Creepy. Just Creepy.


----------



## BJClark (Feb 27, 2009)

yeah, that's just creepy


----------



## Brian Withnell (Feb 27, 2009)

What is even creepier, is one of my co-workers is retired from a prior career in which his job was to compromise foreign diplomats. What he claims is that he knew many of the people in DC personally, and that if someone were to pick any one of them (or all of them for that matter) and place them in the USSR, they would have been members of the Supreme Soviet. He truly believes there is no real difference between any of the politicians anywhere in the world (except that the honest ones cannot get anything done).


----------



## Theognome (Feb 27, 2009)

*AAAAAUUUUUUUUUUGGGGGGGGGHHHHHHHHHHHHHHHHHHHH!!!!!!!!!!!!!!!!*

Theognome


----------



## Hamalas (Feb 27, 2009)




----------



## Southern Presbyterian (Feb 27, 2009)

It seems that they would have us believe that "Resistance is futile."


----------



## Berean (Feb 28, 2009)

Others, equally frightening...including a morph of BHO and HR Clinton 

obama morphed bush - Google Image Search


----------



## turmeric (Feb 28, 2009)

Who's in the first picture?


----------



## Marrow Man (Feb 28, 2009)

I don't see a problem. They all are starting to look the same anyway.
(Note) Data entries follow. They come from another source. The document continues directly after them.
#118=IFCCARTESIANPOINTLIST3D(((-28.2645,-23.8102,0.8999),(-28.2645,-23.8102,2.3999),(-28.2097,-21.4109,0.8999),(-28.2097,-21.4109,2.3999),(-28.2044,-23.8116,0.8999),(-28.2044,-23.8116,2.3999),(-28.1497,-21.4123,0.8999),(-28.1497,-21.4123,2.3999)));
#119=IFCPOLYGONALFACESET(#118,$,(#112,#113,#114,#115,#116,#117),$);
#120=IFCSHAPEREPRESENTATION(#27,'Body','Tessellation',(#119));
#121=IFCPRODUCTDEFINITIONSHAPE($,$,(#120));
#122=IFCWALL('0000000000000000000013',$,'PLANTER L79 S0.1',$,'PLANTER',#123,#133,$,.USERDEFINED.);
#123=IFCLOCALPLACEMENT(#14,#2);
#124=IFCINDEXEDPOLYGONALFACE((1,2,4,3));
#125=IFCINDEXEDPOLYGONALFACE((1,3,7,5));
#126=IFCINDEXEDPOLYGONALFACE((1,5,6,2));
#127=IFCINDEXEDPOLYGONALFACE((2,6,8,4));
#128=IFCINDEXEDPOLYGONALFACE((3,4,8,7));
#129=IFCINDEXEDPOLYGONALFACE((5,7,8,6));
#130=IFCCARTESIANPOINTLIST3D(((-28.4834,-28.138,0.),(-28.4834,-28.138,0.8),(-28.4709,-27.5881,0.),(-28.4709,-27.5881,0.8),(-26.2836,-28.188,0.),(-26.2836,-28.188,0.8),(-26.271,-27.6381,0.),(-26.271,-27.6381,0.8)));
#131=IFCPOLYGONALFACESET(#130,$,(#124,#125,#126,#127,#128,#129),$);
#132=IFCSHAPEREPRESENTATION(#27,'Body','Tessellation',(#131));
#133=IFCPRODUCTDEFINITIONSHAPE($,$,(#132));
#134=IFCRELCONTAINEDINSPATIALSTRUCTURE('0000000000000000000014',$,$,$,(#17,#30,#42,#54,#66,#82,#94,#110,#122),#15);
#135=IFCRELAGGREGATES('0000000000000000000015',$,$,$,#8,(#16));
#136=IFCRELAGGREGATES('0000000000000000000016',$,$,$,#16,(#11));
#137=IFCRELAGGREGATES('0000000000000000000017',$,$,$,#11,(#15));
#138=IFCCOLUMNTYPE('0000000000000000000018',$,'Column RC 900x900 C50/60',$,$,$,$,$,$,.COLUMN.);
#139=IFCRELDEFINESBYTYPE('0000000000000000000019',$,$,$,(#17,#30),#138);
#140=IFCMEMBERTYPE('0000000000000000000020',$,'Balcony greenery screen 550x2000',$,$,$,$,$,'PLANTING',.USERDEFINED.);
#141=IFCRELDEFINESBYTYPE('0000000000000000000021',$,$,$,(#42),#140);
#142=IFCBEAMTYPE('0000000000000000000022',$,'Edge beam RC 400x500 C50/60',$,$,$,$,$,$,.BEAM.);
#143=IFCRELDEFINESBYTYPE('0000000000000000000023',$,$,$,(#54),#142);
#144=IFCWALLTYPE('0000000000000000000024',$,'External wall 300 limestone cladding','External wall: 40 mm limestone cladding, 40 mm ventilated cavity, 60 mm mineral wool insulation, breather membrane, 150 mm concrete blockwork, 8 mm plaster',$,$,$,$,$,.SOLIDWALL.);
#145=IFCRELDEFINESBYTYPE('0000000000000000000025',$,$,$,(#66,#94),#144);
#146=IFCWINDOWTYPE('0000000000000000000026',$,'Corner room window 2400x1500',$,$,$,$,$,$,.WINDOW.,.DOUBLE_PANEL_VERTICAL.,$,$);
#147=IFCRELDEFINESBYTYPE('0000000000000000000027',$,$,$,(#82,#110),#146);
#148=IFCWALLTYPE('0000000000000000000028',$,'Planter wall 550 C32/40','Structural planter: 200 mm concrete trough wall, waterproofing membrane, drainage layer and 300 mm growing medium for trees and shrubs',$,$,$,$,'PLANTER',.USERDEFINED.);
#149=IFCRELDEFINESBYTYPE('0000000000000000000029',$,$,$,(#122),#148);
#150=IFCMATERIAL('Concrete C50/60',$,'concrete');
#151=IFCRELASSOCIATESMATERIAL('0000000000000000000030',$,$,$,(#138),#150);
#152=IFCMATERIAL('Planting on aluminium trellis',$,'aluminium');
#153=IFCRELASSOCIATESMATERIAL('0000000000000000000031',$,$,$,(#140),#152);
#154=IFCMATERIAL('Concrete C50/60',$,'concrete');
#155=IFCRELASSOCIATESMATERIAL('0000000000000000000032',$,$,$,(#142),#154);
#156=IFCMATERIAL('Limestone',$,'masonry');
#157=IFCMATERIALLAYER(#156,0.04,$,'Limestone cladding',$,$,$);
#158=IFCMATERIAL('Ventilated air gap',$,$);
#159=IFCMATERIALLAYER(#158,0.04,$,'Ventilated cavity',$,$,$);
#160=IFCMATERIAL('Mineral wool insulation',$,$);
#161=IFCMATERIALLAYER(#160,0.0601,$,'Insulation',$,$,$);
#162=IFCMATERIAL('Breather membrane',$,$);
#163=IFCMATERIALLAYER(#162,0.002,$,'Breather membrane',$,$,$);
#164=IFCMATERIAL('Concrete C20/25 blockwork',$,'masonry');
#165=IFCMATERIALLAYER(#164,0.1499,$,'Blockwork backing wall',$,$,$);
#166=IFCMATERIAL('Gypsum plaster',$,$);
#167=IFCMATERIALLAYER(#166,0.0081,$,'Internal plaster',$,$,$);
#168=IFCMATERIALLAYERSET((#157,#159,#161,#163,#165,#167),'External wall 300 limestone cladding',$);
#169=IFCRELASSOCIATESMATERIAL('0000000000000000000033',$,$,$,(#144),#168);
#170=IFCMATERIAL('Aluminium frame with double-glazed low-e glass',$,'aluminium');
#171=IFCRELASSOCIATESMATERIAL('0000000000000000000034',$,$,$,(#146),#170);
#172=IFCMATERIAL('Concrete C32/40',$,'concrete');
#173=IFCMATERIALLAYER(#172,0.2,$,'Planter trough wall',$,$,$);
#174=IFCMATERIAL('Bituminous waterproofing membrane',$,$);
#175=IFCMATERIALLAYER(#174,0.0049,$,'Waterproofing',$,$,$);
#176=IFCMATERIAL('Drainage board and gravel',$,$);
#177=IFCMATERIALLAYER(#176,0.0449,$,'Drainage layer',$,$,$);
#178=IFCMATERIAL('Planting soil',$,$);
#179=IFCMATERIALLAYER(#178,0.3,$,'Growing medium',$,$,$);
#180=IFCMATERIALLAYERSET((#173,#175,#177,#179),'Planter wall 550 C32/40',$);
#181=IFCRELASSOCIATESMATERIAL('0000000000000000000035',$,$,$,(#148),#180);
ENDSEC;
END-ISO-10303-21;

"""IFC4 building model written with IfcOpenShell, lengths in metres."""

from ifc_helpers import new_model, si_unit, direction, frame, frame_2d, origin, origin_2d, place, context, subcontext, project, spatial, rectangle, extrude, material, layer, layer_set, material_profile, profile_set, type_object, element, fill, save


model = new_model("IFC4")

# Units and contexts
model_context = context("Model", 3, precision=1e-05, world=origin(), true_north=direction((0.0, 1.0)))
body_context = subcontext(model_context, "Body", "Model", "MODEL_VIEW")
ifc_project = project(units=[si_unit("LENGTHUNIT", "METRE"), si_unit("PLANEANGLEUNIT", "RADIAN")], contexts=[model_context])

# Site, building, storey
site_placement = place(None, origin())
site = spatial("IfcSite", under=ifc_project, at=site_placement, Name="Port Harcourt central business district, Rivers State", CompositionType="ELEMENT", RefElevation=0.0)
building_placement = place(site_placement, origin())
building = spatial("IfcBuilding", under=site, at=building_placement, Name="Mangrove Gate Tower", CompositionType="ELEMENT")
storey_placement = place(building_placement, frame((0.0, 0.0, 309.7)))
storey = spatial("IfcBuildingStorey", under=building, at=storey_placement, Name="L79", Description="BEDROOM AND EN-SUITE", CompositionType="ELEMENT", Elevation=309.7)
Just point me to the giant money pit so I can drop off all my money like everyone else.


----------



## Solus Christus (Feb 28, 2009)

turmeric said:


> Who's in the first picture?



It's a composite of Obama and W. Bush.


----------



## No Longer A Libertine (Feb 28, 2009)

Bush's spending is pocket change compared to Obama's, we must be charitable to the former president for being an advocate of human life and taking proactive measures to reduce abortion, many which are threatened by the murderous incumbent.


----------



## OPC'n (Feb 28, 2009)

Oh, wow! Can someone please merge mine and Michelle Pfeiffer face? Pleeeeeease? Thanks!


----------



## PresbyDane (Feb 28, 2009)

No need sarah you look like catwoman already


----------